Written by: Sadaf Shahzad
Posted on: June 10, 2020 | | 中文
Near Gaddap Town in Karachi, the town of Manghopir is home to some of the oldest shrines in the city. But perhaps the most notable and mysterious of them all is the Shrine of Manghophir, a small and humbly made shrine next to a sulfuric pool full of crocodiles. The annual Mela (festival) that celebrates the Urs (death anniversary) of Pir Mangho, is not just a spiritual celebration but also a meeting point and time of unabashed celebration for the Sheedi community of Pakistan.
The Sheedis (also called Makrani) are a community of African-origin people who reside in neighborhoods of Karachi, parts of Sindh, and coastal Balochistan. They are a subdivision of ‘Siddi’ people in India, who trace their origins to the continent of Africa. Historical origins of Sheedis in the Subcontinent vary, from slaves to mercenaries, merchants to concubines. The earliest records place them in the Sub-Continent in 712 AD as freed slaves, who arrived with Muhammad Bin Qasim and were soldiers in the wars in the period of Muslim conquest in the Subcontinent (about 8th Century AD – 16th Century AD).
Even the word ‘Sheedi’ is hotly debated amongst historians, as the word has shifted from a rank of great value to a derogatory name meaning ‘hoodlum’. Linguists argue that ‘Sheedi’ and its parent word ‘Siddi’ is derived from the Arabic word ‘Syed (My lord)’, though they are unaware of the historic circumstances that transformed the name into ‘hoodlum’. Although each Sheedi family traces their lineage from different countries of Africa, Sheedis themselves believe that they are descendants of the first Black Companion to the Prophet (PBUH), Hazrat Bilal.
The downfall of the Sheedis came about in the British Era. They had held high positions as admirals, administrators, and noblemen in the Dehli Sultanate before the Invasion of the Mughals, and later as guards for the Nazim of Hyderabad, Deccan. In 1843, the revolutionary Hosh Muhammad Sheedi fought for the Talpurs against the British invasion of Sindh. Hosh Muhammad is very important for Sindhi historians, and his tomb in present-day Hyderabad paid tribute to his struggle against British colonization.

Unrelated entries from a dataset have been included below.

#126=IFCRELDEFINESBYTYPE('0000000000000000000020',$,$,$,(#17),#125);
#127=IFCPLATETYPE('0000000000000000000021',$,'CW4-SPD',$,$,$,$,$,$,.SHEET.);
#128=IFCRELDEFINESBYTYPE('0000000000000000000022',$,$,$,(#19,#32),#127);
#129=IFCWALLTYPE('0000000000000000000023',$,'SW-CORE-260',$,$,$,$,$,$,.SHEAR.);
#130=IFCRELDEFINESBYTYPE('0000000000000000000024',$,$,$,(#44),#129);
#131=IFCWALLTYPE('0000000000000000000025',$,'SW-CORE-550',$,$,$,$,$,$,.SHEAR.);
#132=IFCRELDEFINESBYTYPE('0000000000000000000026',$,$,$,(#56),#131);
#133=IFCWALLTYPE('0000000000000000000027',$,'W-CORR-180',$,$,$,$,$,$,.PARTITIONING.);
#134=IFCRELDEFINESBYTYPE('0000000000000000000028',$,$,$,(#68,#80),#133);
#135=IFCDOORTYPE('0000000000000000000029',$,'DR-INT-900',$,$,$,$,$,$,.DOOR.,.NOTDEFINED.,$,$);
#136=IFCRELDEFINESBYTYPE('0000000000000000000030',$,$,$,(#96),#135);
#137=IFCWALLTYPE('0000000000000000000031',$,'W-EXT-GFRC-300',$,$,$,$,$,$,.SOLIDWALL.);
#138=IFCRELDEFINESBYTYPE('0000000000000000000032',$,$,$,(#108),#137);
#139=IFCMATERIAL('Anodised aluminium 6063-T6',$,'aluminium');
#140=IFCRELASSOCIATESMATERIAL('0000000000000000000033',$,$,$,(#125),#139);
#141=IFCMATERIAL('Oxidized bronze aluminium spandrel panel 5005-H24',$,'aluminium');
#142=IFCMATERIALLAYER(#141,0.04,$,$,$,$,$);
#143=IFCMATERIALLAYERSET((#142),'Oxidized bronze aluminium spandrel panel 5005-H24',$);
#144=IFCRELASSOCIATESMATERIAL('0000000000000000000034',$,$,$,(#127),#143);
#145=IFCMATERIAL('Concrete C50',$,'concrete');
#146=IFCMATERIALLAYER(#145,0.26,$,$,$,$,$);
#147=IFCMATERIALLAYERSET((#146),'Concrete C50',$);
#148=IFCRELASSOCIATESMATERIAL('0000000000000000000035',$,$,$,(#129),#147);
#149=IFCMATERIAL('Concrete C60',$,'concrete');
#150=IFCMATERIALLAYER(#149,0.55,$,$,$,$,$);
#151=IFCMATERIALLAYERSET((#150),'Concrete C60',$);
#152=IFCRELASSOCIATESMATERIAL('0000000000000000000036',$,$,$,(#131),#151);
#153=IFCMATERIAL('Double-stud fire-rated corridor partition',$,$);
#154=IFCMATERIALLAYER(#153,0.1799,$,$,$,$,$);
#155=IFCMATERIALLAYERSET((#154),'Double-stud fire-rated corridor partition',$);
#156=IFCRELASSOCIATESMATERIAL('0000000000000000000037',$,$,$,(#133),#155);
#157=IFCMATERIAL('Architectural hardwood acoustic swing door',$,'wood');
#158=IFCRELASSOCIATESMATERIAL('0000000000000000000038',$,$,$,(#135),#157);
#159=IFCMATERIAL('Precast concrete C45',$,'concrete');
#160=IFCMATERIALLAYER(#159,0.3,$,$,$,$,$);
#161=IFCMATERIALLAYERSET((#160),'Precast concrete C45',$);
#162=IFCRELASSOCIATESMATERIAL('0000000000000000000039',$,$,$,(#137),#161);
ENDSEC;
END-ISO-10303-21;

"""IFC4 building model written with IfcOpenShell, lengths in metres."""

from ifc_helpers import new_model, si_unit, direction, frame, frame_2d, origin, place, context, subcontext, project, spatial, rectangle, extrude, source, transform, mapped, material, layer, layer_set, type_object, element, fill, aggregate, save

As of 2018, there are over 50,000-250,000 members of the Sheedi community, but they are often relegated to the peripheries with very little chance of upward mobility. Sheedis made headlines in 2018 with the election of Tanzeela Qambrani into the provincial government of Sindh as the first lawmaker from her community. Other notable Sheedis include various boxers, Urdu Poet Noon Meem Danish, cricketer Qasim Umer, as well as singers Younis Jani and Mithu Tahir. Members of the Sheedi community used to speak conversational Swahili, but that has dwindled to a few key phrases spoken during the festival.

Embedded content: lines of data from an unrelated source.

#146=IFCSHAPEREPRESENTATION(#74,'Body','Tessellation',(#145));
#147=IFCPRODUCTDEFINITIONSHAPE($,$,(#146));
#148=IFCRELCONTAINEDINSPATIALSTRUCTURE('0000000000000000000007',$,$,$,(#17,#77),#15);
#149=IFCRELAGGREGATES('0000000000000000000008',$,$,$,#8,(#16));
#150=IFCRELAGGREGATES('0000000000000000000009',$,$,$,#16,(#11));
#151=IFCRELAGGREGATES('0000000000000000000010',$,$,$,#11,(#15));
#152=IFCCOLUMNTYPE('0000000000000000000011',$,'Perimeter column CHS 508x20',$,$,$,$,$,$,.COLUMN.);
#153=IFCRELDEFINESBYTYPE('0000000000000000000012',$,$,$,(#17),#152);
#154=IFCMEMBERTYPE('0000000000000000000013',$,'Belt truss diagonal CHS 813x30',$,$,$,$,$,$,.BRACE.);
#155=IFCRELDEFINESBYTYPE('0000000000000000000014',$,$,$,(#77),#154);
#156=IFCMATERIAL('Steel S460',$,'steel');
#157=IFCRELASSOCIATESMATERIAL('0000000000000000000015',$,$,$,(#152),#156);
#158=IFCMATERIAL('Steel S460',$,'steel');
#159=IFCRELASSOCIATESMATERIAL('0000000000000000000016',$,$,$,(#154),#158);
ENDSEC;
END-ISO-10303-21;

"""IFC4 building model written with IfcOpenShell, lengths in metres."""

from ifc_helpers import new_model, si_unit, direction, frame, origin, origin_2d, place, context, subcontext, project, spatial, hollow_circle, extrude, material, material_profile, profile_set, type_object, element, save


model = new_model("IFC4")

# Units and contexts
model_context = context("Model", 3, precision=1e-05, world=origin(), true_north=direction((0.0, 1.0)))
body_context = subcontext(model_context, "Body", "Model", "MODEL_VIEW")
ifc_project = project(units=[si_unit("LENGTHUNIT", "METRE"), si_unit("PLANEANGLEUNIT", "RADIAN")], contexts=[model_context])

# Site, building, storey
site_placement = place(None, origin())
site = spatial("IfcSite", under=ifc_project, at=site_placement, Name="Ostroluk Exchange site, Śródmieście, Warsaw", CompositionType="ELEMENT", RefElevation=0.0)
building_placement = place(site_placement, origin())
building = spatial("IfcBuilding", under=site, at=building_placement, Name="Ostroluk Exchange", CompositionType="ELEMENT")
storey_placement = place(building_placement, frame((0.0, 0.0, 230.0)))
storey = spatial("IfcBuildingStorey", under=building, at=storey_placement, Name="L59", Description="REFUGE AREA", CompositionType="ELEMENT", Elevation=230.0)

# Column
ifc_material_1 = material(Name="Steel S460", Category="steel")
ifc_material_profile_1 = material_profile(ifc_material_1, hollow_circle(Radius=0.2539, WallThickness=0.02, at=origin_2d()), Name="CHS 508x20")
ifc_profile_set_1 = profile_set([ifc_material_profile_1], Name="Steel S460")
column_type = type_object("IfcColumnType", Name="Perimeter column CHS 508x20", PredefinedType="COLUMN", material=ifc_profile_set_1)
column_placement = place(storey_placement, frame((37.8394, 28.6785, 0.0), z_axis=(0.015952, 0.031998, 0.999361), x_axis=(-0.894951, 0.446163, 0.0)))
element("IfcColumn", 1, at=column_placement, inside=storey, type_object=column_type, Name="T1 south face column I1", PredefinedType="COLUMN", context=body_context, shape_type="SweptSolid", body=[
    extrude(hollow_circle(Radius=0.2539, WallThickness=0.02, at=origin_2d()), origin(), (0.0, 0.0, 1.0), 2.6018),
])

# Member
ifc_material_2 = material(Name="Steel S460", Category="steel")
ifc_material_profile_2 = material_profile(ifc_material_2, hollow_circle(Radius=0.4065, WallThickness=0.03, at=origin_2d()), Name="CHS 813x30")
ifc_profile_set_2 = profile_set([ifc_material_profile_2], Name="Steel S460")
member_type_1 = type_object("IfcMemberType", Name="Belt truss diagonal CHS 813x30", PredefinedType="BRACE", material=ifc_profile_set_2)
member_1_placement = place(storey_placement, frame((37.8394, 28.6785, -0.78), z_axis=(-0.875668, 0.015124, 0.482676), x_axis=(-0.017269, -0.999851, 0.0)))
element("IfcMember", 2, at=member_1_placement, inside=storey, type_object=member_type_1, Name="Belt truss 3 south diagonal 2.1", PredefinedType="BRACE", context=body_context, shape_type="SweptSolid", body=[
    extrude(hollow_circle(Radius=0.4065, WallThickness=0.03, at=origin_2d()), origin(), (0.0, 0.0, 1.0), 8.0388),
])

Post the formation of the new Pakistani state, a vast majority of Sheedis concentrated in the Lyari-Manghopir neighborhoods of Karachi, where the crocodiles and their Pir Mangho gave them spiritual guidance and a link back to their African ancestors. Not much is known about Pir Mangho, the patron saint of Sheedis, though many myths surround him. One of the most dominant myths is the story of Sakhi Sultan, a Hindu who converted to Islam and became a devotee of Baba Fariduddin Masood Ganj, a revered mystic of the Chisti order.
According to legend, the lice in the saint’s hair became the crocodiles that inhabit the shrine, and they were Pir Mangho’s companions until he passed away. Others suggest that the pond was full of crocodiles before Pir Mangho arrived, and some archaeologists trace their fossils all the way to the Bronze Age (3300-1200 BC). At present, there are over 100 crocodiles at the shrine, including More Sahab, the oldest crocodile who is about 70-100 years old. The crocodiles are largely docile, and dependent on the meat from Shrine devotees. As such, there have been no incidents of the crocodile attacking any devotee, but new visitors are advised caution.
During the festivities, devotees place garlands around the crocodiles’ necks and cover their heads with colorful powder. Beckoning the crocodiles, they dance to the beat of African drums, and sing in a language they no longer understand but feel deeply connected to. The celebration is colorful and joyful, something of a cross between a traditional Sufi dhamal and an African tribal dance to honor ancestors. The high point of the festival is when More Sahab accepts a large slab of meat from the shrine’s gaddi nasheen (caretaker), signaling a peaceful, prosperous, and wealthy year ahead for the community.
In 2017, after a long hiatus, the mela returned to Manghopir in full swing. Previously, the mela had been halted due to heavy militancy and terrorism in the area. With improved security conditions, Sheedis could gather together to celebrate their community and their past without shame or hesitation.
We should celebrate the Sheedi community as a part of our culture, and honor their traditions by helping them record their histories. Moreover, it is important to provide them with opportunities to improve their lives and bring them into the mainstream of Pakistani society.